Feb 28, 2023

Concept of “Beneficial Ownership” – Irrelevant for Capital Gains Taxation

As per Section 90(4) of the Income-tax Act, 1961 (‘IT Act’), a non-resident is not entitled to claim any relief under the applicable Double Taxation Avoidance Agreement (‘DTAA’), unless a Tax Residency Certificate (‘TRC’) is obtained by such non-resident from the Government of their home country. Especially qua the India-Mauritius DTAA, the Central Board of Direct Taxes (‘CBDT’), as early as in 2000, clarified[1] that a Mauritian resident having a valid TRC issued by the tax authorities of Mauritius, will constitute adequate proof of their residency and beneficial ownership of the asset under consideration. The constitutional validity of this Circular was upheld by the Supreme Court of India (‘SC’)[2].

Thereafter, the Legislature by way of Finance Bill, 2013, sought to provide that while TRC will be a necessary eligibility condition, but the same will not constitute sufficient evidence of residency and will not be binding on the Indian tax authorities. However, given that such an approach would disrupt the approach so far, the Ministry of Finance clarified[3] that TRC will be accepted as evidence of the residency of the non-resident and that the Income tax authorities will not go behind it to question the residential status of the non-resident.

The Delhi High Court in its recent decision in Blackstone Capital Partners (Singapore) VI FDI Three Pte Ltd. v. ACIT[4] (“Blackstone Judgement”) reiterated the law on TRC as being sufficient evidence of residency of a non-resident. However, it is for the first time that it has been recognized by a High Court that the test of “beneficial ownership” is an irrelevant criterion for the purposes of capital gains taxation under the DTAA, unless such test is expressly stated under the relevant provision. In that manner, the High Court has held that TRC would be the only relevant criteria for availing benefits available under the capital gains provision in a DTAA, if any, if the non-resident in question is the legal owner of the asset that is being transferred.

A similar proposition was laid down by the Income Tax Appellate Tribunal (‘ITAT’)[5], but was recently recalled prior to the Blackstone Judgement.
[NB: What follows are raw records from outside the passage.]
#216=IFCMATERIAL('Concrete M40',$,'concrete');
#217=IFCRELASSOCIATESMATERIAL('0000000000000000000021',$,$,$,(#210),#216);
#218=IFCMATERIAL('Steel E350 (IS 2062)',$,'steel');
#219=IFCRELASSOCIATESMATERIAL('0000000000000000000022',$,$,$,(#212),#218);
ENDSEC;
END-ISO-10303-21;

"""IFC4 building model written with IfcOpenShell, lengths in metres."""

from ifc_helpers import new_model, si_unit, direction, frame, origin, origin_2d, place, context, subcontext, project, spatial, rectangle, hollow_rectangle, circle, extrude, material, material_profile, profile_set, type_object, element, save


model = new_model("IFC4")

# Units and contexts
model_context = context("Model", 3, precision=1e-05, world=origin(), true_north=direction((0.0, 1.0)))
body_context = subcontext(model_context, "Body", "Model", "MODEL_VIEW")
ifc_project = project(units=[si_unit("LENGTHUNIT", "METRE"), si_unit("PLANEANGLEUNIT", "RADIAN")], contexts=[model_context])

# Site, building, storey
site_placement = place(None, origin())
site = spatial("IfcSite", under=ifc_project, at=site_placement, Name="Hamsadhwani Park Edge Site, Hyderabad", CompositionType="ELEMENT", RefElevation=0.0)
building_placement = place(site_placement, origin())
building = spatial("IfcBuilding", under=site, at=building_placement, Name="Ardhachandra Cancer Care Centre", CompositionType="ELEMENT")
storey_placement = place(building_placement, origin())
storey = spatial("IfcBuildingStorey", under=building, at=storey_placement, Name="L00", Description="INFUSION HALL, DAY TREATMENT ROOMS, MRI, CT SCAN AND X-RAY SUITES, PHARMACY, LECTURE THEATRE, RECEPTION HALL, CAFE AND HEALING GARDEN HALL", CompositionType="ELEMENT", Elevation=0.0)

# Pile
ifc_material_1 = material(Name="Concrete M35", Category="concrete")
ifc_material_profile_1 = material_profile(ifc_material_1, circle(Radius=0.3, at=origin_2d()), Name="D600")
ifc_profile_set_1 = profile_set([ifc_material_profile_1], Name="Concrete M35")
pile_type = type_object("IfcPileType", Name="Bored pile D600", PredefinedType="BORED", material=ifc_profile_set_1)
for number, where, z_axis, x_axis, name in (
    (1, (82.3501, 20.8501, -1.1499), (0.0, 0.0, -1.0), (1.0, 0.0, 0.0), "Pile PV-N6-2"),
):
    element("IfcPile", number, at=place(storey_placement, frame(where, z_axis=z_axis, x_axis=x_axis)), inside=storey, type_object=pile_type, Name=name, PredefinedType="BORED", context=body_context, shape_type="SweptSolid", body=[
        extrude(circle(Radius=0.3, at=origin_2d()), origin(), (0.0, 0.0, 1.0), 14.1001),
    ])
Nonetheless, any benefit under a DTAA, would be further subjected to a “limitation on benefit” (‘LOB’) clause, if present. In the Blackstone Judgement, the LOB provision under the India – Singapore DTAA[6] restricted the applicability of benefit under the capital gains provision to an entity which had bona fide business activities, and which was not a shell or conduit. The provision also provided for an annual expenditure threshold for deeming an entity to not be a shell or a conduit. Given that the Singaporean resident in this case had satisfied the annual expenditure threshold, which was duly approved by Singaporean authorities, the High Court prevented the Income Tax authorities to question the veracity of such expenditure in order to deny the satisfaction of the LOB clause. In that manner, it was held that the Singaporean resident was not taxable in India qua the capital gains derived by it from the sale of Indian company shares, as per Article 13(4) of the India – Singapore DTAA.

While it is expected that the Blackstone Judgement will be challenged before the SC, till such time, it provides much required certainty on the capital gains exemption available to foreign investors, holding a valid TRC, at the time of exit from India.


[1] CBDT Circular No. 789 dated 13.04.2000.

[2] Union Of India v. Azadi Bachao Andolan, (2003) 263 ITR 706 (SC); Vodafone International Holdings B.V. v. Union of India, (2012) 341 ITR 1 (SC).

[3] Press Release dated 01.03.2013, containing Finance Ministry’s clarification on Tax Residency Certificate.

[4] Blackstone Capital Partners (Singapore) VI FDI Three Pte Ltd. v. ACIT, Order dated 30.01.2023 in W.P.(C) 2562/2022 (Del. HC).

[5] Blackstone FP Capital Partners v. DCIT, Order dated 17.05.2022 in ITA No. 981 & 1725/Mum./2021 (Mum. Trib.).

[6] Notification No.1022 (E) dated 18.07.2005.